Questions: String Matching: Naive and Optimized Approaches
5 questions to test your understanding
Score: 0 / 5
Question 1 Multiple Choice
Why does the naive string matching algorithm perform poorly when searching for 'AAAB' in 'AAAAAAAAB'?
AThe pattern is too long relative to the text for naive matching to handle
BNaive matching cannot handle repeated characters
CAt each mismatch, the algorithm resets to position 0 of the pattern and slides one character forward — discarding all information from the previous partial match
DThe naive algorithm has O(m log n) complexity, which is worse than O(nm) for this input
The naive algorithm's problem is memory loss: after matching 'AAA' and failing on 'B', it slides one position and re-compares those same three A's from scratch. For a text like 'AAAAAAAAB' and pattern 'AAAB', every starting position triggers 3–4 comparisons that mostly repeat work already done. KMP eliminates this by recording what was already matched in the failure function and resuming from there rather than restarting.
Question 2 Multiple Choice
KMP's failure function (prefix function) stores, for each position j in the pattern, the length of the longest proper prefix of pattern[0..j] that is also a suffix. How does this help during matching?
AIt tells the algorithm how many text characters to skip forward after a complete match
BIt predicts how many mismatches will occur for a given text
CAfter a mismatch at pattern position j, it tells the algorithm where to resume in the pattern — preserving already-matched characters without re-examining text characters
DIt precomputes the hash of each pattern prefix to enable O(1) comparison
When a mismatch occurs at position j, the failure function value failure[j-1] says: 'the first failure[j-1] characters of the pattern already match the text at this position.' The algorithm resumes from there instead of restarting at 0. This ensures the text pointer never moves backward — each text character is examined at most twice — giving O(n+m) total time. The failure function encodes the pattern's self-similarity to avoid redundant comparisons.
Question 3 True / False
In the worst case, KMP may still re-examine the same text character multiple times.
TTrue
FFalse
Answer: False
False — a key guarantee of KMP is that the text pointer never moves backward. Each text character is examined at most a constant number of times, giving O(n + m) total comparisons including the O(m) preprocessing step. The failure function ensures that after any mismatch, the pattern pointer shifts backward within the pattern (not the text), so previously examined text positions are never revisited. This is the fundamental improvement over naive matching, which can re-examine the same text characters many times.
Question 4 True / False
Boyer-Moore is generally faster than KMP in practice because it can skip large portions of the text without examining every character.
TTrue
FFalse
Answer: True
True — Boyer-Moore reads the pattern right-to-left and uses two heuristics (bad character rule and good suffix rule) to jump the pattern forward by potentially many positions at once. In the best case it achieves O(n/m) character comparisons — it can skip entire chunks of text. KMP guarantees O(n+m) in the worst case but examines every text character at least once. For real-world inputs like searching through long documents with moderate-length patterns, Boyer-Moore's average-case performance typically surpasses KMP, which is why it underlies tools like grep.
Question 5 Short Answer
Explain the key insight that makes KMP more efficient than naive string matching. What does it avoid doing that the naive algorithm does?

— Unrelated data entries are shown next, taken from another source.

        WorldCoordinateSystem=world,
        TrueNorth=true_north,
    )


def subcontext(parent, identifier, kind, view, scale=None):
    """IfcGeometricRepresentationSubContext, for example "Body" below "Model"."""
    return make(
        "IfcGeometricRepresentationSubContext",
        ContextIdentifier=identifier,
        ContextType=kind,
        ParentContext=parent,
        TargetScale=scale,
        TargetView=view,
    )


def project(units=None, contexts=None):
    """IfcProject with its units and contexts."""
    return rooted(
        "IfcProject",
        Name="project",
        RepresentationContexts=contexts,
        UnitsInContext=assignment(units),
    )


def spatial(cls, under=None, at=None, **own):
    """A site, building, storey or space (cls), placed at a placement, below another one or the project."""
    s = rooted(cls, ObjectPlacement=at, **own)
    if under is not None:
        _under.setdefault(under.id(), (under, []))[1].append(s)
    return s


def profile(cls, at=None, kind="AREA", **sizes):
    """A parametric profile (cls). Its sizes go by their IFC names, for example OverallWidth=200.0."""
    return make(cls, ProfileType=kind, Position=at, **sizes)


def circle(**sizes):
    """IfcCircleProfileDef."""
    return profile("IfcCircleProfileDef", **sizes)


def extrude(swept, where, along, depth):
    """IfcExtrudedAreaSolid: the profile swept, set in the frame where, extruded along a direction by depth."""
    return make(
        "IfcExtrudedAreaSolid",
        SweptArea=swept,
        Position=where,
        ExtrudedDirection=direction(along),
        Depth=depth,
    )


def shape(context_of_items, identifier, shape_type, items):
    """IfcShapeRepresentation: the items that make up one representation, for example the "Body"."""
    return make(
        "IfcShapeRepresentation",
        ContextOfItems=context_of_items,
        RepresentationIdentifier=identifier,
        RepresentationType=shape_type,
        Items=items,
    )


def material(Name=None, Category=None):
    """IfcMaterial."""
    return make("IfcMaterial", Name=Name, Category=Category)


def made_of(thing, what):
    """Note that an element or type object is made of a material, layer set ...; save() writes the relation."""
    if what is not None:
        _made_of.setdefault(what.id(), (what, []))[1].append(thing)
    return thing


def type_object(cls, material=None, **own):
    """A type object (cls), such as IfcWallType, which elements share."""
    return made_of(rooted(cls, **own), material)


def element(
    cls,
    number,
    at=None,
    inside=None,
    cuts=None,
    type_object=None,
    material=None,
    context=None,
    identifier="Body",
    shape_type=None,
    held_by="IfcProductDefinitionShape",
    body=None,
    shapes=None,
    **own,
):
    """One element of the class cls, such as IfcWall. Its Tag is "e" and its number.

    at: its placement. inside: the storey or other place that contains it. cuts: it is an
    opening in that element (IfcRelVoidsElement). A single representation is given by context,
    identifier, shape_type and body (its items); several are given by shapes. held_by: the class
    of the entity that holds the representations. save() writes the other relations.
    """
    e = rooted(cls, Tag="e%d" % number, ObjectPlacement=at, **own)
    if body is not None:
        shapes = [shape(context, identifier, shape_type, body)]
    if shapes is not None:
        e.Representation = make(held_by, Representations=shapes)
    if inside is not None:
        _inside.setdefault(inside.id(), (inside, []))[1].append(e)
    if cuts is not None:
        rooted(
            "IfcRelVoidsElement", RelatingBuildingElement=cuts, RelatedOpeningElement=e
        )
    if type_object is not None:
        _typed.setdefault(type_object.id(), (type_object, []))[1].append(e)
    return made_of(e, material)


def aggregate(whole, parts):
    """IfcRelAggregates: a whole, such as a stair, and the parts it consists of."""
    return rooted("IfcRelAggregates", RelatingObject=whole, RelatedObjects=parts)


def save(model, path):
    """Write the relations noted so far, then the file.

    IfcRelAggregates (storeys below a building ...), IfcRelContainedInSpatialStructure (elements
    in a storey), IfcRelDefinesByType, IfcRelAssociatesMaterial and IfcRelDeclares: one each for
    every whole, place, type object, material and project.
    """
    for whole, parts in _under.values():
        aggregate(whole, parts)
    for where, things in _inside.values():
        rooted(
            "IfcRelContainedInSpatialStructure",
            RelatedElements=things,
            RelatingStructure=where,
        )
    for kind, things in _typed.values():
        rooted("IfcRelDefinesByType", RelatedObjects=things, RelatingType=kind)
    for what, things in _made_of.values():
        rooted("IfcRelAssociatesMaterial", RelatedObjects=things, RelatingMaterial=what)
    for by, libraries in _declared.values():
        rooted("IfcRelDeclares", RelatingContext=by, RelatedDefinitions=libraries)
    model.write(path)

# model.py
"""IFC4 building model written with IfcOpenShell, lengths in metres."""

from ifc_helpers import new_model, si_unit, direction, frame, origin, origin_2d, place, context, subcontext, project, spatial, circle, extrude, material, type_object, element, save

Think about your answer, then reveal below.
Model answer: KMP avoids re-examining text characters that were already part of a partial match. The naive algorithm, after failing at text position i + j (having matched j characters), slides one position and restarts from pattern position 0 — re-comparing characters it already knows match. KMP's failure function encodes the pattern's self-overlap: it tells the algorithm the farthest it can shift the pattern while still preserving whatever prefix already aligns with the text. The text pointer only ever moves forward, so each character is examined at most twice, giving O(n+m) time versus O(nm) worst case for the naive approach.
The insight is that a partial match is information, not wasted work. The failure function extracts the maximum reuse from that information. Boyer-Moore takes the complementary approach — working right-to-left and using mismatches to skip forward — which is often even faster in practice.